Glaciers move faster.

Edited by Motokid600
Link to comment
Share on other sites

From its inception, Orion was designed for "Apollo on steroids" missions, i.e. The Moon. In the current scheme, it has been repurposed for trips to Lagrange points and cislunar trips, but it's still limited to 21-days of on-orbit life with limited living space and only 700m/s of dV.

Its only role in a Mars architecture is as a 22-ton dinghy for transferring to and from the MTV, which is a role that could be taken by a slightly beefed-up 11-ton Dragon or CST-100 for half the mass and without using a precious SLS for the launch.

Holy boop, you have no idea how refreshing it is to hear you say that. I'm so in agreement with that statement, I've been repeating it every time I discuss Orion for years now. ;)
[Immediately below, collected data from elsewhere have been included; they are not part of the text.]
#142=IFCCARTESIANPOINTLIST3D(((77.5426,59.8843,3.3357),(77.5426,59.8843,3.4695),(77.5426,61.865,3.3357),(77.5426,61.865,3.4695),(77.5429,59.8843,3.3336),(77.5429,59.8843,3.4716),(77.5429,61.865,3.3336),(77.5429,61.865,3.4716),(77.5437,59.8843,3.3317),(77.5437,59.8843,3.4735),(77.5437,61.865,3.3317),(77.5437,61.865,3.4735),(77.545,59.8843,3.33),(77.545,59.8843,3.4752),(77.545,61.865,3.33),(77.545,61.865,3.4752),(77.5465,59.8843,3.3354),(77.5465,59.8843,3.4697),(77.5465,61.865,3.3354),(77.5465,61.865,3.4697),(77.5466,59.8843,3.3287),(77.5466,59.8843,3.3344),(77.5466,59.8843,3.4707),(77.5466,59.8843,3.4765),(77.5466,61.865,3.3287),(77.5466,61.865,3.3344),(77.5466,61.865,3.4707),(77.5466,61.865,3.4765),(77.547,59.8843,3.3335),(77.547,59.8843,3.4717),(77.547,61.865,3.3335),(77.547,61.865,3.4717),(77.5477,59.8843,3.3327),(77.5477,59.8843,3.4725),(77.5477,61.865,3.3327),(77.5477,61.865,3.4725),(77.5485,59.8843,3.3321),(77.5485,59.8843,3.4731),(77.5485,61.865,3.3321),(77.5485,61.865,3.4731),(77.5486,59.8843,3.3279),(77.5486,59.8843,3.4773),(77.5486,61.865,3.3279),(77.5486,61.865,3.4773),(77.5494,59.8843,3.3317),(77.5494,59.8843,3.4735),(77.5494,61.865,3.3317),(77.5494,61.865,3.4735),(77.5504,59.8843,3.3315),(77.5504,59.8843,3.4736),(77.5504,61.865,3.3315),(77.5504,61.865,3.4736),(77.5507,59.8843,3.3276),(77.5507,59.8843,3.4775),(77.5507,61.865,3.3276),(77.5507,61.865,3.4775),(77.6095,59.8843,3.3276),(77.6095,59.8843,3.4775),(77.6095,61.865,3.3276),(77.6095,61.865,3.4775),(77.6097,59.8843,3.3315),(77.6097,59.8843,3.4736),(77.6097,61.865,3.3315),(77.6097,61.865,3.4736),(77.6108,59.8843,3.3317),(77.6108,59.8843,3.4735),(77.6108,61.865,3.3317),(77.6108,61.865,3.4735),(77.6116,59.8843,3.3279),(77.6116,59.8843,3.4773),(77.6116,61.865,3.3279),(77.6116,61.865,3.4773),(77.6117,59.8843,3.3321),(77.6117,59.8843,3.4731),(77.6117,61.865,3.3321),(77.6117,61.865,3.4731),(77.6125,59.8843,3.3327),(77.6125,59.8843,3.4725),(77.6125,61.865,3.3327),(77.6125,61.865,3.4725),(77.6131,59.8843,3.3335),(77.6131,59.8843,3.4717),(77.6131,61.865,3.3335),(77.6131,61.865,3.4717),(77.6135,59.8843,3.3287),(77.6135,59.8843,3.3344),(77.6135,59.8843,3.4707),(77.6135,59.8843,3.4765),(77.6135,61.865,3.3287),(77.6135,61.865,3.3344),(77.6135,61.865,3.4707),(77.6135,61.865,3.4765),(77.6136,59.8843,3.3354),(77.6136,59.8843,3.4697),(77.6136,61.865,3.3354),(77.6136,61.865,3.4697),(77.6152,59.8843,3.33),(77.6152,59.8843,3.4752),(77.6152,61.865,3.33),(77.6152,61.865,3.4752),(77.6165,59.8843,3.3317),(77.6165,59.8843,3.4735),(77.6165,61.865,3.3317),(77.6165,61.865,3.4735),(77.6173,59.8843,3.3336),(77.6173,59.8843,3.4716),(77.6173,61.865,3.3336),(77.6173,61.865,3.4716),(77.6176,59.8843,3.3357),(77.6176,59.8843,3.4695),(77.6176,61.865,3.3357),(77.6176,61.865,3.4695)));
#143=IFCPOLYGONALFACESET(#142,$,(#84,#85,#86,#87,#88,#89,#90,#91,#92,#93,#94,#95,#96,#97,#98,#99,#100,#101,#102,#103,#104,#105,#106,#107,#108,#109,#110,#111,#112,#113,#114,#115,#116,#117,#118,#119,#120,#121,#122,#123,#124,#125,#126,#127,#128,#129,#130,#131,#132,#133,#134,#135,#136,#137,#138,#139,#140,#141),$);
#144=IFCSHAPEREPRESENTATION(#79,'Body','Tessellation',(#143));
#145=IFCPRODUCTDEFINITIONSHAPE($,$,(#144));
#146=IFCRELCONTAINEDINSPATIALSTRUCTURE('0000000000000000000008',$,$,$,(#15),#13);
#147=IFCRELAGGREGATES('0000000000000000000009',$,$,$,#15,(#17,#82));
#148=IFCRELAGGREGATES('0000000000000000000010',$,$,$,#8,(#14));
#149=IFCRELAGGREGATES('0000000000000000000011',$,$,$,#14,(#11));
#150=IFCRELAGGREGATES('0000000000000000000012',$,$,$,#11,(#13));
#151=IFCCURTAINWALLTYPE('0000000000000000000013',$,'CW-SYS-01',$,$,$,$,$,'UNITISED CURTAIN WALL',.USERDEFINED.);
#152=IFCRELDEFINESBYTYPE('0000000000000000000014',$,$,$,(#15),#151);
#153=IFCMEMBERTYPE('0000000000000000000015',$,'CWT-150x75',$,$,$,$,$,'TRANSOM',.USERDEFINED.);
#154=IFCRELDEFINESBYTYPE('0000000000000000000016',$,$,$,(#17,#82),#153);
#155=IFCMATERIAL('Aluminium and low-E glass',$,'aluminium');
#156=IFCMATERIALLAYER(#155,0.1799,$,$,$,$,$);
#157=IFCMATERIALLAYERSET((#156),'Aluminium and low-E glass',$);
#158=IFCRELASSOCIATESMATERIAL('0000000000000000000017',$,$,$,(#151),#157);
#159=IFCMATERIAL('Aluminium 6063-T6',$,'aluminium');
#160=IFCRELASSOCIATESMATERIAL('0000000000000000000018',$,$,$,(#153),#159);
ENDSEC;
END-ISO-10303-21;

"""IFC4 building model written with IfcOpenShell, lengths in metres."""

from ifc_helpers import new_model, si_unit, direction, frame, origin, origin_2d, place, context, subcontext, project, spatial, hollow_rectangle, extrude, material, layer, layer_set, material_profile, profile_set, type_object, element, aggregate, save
Rune. Don't forget the 17 billion dollar pricetag. It's an expensive, overweight, redundant dinghy.

Link to comment
Share on other sites

Sorry I forgot about this post :P It's ridiculous because we're talking 8 years instead of 1. Apollo 4 in '67 was the closest equivalent to Orions last mission. (Or was it AS-101? ) Apollo 7 launched in '68. 2023 for Orions manned mission.

Glaciers move faster.

Apollo had unlimited funding and tens of thousands of people working on it. Orion gets trickle money and the number of people working on it is in the hundreds.

Link to comment
Share on other sites

As I said. Pathetic. When in comparison with Apollo at least.

The civil rights movement and the Vietnam War. A much more perilous time in the US then today and we still put men on the moon at a relatively fast pace. Granted not for the best of reasons.
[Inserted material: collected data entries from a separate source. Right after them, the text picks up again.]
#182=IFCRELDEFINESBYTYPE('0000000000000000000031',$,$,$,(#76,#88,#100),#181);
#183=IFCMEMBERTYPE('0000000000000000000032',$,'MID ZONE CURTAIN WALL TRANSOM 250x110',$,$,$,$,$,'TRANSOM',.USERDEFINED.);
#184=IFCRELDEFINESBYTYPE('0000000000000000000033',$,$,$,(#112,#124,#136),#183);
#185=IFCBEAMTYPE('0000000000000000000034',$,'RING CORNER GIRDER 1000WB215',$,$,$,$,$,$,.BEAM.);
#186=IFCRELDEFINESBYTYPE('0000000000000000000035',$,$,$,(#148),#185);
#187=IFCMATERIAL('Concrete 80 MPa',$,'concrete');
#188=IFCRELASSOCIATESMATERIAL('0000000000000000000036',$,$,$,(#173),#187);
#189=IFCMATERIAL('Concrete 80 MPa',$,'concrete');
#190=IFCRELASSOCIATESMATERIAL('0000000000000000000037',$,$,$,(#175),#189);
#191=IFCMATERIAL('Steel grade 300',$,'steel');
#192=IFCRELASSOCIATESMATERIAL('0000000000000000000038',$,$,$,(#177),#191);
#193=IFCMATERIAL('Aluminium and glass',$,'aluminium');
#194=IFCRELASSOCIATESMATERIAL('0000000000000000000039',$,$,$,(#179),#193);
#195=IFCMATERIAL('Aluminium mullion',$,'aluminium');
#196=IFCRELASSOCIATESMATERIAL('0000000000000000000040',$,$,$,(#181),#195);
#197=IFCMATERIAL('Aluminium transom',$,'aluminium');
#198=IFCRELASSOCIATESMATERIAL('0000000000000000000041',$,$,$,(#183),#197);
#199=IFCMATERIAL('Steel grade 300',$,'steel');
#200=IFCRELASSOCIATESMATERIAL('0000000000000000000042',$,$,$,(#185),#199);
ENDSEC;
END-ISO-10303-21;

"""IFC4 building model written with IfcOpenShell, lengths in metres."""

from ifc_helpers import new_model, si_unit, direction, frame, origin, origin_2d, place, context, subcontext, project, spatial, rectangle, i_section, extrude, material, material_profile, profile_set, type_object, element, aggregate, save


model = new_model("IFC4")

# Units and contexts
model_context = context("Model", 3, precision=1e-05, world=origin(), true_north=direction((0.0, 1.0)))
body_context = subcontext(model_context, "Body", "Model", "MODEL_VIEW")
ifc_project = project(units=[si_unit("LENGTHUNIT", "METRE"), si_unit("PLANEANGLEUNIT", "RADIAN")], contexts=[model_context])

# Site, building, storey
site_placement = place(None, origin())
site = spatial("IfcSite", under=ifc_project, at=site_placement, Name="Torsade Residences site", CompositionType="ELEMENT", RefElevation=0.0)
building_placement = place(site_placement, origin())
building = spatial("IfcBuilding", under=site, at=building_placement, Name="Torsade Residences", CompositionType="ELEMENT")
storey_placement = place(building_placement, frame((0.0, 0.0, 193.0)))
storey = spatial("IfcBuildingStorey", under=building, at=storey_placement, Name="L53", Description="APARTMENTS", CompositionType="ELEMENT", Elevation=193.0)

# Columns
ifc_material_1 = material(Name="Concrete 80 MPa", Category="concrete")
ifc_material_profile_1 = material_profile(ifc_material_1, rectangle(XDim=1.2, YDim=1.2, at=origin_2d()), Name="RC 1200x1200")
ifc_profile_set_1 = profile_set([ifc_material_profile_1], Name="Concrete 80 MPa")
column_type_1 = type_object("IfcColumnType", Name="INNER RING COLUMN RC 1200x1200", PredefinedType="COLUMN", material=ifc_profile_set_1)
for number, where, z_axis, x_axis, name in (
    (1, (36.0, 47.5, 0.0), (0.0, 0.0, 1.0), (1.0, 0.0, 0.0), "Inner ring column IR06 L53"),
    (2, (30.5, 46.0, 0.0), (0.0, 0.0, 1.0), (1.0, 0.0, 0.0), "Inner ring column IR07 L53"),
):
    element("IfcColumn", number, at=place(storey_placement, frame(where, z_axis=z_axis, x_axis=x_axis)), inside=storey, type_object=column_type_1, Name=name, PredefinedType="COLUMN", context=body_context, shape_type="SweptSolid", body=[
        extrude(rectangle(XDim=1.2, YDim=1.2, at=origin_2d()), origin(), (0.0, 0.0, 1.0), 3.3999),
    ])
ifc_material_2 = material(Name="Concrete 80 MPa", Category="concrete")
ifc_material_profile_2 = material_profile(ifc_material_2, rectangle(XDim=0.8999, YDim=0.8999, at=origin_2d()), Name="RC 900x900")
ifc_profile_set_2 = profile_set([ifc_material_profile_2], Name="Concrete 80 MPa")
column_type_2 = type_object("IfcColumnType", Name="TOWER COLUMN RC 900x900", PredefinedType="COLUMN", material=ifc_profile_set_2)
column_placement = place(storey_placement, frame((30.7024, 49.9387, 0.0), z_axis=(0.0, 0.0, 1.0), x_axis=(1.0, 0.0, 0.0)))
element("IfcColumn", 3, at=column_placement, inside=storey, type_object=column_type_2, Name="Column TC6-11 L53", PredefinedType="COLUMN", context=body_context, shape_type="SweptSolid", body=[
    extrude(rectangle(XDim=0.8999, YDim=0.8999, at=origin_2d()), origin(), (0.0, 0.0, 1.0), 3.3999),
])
So what's our excuse this day and age for NASA's absurdly low funding?

Link to comment
Share on other sites

Nobody else is competing with us, and it doesn't make money.

Our nation is ruled by corporations.

Ergo, we do just enough to keep the population happy.
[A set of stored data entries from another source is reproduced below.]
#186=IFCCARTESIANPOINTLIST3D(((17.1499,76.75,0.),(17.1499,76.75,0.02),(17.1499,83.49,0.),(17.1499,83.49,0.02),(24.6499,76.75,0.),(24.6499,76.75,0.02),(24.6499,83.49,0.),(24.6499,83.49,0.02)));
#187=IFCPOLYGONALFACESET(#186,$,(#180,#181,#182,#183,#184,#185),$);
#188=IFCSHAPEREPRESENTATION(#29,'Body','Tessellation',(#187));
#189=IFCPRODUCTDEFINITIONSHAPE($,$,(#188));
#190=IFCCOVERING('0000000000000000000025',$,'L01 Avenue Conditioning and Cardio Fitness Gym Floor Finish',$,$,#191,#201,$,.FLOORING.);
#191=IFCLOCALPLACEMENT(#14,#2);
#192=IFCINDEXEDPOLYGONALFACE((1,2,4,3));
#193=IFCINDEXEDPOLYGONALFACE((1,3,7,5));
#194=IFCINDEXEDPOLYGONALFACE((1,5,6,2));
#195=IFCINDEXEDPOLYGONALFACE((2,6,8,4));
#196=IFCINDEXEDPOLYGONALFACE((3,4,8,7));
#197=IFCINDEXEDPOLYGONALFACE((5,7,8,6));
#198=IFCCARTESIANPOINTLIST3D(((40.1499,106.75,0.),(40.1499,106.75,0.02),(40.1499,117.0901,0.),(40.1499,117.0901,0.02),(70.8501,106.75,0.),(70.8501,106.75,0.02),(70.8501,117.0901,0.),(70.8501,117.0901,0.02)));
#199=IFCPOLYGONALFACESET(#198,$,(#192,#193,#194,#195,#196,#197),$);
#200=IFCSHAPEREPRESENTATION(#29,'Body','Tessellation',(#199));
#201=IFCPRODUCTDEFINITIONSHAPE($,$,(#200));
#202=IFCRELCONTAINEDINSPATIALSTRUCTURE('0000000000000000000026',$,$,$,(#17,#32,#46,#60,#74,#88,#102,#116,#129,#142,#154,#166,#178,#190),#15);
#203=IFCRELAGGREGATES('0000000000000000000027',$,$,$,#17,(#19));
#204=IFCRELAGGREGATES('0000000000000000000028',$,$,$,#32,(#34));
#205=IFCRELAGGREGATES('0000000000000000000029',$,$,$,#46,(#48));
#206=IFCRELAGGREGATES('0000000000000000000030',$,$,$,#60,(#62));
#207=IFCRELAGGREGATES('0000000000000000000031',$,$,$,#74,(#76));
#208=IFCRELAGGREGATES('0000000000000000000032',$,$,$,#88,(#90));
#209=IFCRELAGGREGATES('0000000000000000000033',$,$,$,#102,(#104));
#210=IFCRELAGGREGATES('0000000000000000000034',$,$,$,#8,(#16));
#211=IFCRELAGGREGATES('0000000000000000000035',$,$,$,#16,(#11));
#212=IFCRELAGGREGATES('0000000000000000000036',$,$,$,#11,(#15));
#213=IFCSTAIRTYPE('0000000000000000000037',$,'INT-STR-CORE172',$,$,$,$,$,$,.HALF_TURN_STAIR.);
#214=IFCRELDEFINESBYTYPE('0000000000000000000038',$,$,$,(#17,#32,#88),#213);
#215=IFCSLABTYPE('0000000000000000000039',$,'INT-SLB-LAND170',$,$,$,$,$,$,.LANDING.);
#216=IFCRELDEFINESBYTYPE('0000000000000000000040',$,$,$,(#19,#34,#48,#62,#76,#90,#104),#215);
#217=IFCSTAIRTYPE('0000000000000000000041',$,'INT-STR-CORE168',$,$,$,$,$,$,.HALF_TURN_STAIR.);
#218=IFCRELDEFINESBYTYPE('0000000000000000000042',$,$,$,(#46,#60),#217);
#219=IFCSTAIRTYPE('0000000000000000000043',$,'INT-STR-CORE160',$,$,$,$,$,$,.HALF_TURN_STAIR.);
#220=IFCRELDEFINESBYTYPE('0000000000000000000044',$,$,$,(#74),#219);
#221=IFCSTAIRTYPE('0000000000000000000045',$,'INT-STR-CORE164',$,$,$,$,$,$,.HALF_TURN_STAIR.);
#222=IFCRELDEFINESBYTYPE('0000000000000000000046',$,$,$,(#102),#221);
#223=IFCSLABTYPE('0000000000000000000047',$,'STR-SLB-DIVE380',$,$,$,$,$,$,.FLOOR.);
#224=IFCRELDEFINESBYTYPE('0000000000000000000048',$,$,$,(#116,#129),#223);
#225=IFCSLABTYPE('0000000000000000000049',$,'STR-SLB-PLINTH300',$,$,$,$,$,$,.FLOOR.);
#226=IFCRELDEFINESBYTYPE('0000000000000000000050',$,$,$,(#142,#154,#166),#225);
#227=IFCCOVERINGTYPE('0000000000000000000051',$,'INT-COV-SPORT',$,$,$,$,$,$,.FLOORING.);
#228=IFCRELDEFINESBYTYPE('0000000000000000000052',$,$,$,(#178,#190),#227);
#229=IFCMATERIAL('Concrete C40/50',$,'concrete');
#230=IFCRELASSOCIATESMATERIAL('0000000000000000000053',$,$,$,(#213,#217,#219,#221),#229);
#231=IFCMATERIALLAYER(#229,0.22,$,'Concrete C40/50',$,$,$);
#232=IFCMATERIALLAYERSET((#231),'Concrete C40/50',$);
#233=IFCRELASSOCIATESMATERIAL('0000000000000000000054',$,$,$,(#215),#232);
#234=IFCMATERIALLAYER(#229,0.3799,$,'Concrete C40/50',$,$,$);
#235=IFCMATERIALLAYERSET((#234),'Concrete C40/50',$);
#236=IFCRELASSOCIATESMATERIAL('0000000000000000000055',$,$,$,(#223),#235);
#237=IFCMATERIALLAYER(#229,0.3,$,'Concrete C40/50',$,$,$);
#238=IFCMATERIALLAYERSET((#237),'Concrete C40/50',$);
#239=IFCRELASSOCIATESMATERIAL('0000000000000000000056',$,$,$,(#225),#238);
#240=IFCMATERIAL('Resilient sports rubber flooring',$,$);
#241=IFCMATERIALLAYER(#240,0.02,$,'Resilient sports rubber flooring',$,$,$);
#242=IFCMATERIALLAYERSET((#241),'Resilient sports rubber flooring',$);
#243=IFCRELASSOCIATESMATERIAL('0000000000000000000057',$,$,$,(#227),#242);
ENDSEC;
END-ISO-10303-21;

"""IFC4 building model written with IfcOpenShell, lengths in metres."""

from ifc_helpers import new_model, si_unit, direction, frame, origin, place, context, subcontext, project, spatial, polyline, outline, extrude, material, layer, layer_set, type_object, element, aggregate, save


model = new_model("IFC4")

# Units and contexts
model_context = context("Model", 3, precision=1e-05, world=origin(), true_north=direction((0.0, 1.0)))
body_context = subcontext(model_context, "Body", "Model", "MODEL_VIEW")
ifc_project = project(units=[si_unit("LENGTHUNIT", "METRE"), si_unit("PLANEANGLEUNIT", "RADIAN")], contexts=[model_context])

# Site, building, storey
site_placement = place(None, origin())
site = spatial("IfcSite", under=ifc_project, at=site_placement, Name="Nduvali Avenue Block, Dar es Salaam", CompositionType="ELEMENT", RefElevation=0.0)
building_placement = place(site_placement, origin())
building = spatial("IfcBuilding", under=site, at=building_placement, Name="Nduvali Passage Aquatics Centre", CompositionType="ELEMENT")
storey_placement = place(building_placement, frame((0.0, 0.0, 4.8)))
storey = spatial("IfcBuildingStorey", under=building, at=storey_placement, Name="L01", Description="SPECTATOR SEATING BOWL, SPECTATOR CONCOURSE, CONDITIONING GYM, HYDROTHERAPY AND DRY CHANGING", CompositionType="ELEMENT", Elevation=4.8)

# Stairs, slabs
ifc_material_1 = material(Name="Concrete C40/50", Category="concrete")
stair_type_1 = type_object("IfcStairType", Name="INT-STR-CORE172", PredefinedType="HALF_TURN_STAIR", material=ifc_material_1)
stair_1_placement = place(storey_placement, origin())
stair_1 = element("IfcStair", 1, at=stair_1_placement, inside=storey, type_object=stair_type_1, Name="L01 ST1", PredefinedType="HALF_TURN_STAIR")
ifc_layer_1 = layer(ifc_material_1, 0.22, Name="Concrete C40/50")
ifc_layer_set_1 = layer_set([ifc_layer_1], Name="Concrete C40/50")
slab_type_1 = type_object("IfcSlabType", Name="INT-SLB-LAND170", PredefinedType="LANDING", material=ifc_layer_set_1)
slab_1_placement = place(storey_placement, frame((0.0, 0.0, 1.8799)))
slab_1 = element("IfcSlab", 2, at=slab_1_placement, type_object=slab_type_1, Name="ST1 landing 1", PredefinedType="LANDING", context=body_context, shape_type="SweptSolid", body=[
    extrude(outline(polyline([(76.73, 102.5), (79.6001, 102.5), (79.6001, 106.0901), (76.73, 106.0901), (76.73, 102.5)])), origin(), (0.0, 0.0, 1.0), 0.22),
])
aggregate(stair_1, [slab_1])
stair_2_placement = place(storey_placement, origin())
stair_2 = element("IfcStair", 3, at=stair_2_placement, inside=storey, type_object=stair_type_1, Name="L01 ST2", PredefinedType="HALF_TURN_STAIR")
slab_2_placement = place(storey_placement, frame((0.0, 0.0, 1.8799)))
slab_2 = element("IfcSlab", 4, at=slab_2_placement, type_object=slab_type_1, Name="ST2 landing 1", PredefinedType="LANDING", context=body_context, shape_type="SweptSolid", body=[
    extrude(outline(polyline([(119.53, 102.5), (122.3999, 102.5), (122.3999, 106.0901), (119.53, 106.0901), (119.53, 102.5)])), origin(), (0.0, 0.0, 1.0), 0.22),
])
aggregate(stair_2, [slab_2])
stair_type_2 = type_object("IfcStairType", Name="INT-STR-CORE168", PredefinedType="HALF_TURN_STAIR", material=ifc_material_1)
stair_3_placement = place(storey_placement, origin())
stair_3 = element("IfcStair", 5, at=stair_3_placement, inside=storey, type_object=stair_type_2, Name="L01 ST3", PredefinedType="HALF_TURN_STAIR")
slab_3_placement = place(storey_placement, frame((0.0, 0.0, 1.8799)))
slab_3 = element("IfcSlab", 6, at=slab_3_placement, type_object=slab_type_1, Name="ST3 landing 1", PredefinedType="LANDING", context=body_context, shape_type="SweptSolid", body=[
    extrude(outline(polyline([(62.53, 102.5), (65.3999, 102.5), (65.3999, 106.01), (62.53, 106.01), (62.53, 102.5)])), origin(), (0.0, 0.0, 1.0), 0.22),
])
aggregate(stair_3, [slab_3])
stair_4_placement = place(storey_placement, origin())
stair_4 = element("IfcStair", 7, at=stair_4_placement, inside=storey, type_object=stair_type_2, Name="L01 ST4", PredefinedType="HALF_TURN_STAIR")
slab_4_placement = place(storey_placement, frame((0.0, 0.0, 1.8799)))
Damn, that was SO close to a haiku...

This is my first attempt at a haiku

no competition

and ruled by corporations

blind but happy

Link to comment
Share on other sites

Nobody else is competing with us, and it doesn't make money.

Our nation is ruled by corporations.

Ergo, we do just enough to keep the population happy.

Damn, that was SO close to a haiku...

Since space bugets probably won't increase significantly, significant increases in budgetary efficiency are unlikely due to the want for pork, and Space Race 2.0 is practically impossible. International cooperation (INCLUDING Russsia and China) and encouraging commerical privatisation of near-space is probably the most likely way we will see deep space exploration any time soon. Unfortunately, I'm worried politics will get in the way of both.

Link to comment
Share on other sites

Yeah, our military-industrial overlords have decided to pick another fight with both of them to show how awesome we are.

The only way we get into another space race is to find a new weapons system using deep space, like targeted asteroid bombardment....

(oh god... I might have just given them an idea)

Luckily that is forbidden... Otherwise i'm pretty sure LEO would already be crowded with orbital weapons

Link to comment
Share on other sites

SLS was not my first choice. IMO the Augustine commission tried to kill Constellation for good reasons. Clearly, a big part of its raison d'etre, at least as far as the U.S. Congress is concerned, is naked political patronage of the old shuttle suppliers. I have always favored the alternate model for manned space exploration based on commercial medium lift/orbital propellant depots/on-orbit servicing and assembly which I see as much more robust and sustainable under the present and likely near-future circumstances than huge heavy lift rockets.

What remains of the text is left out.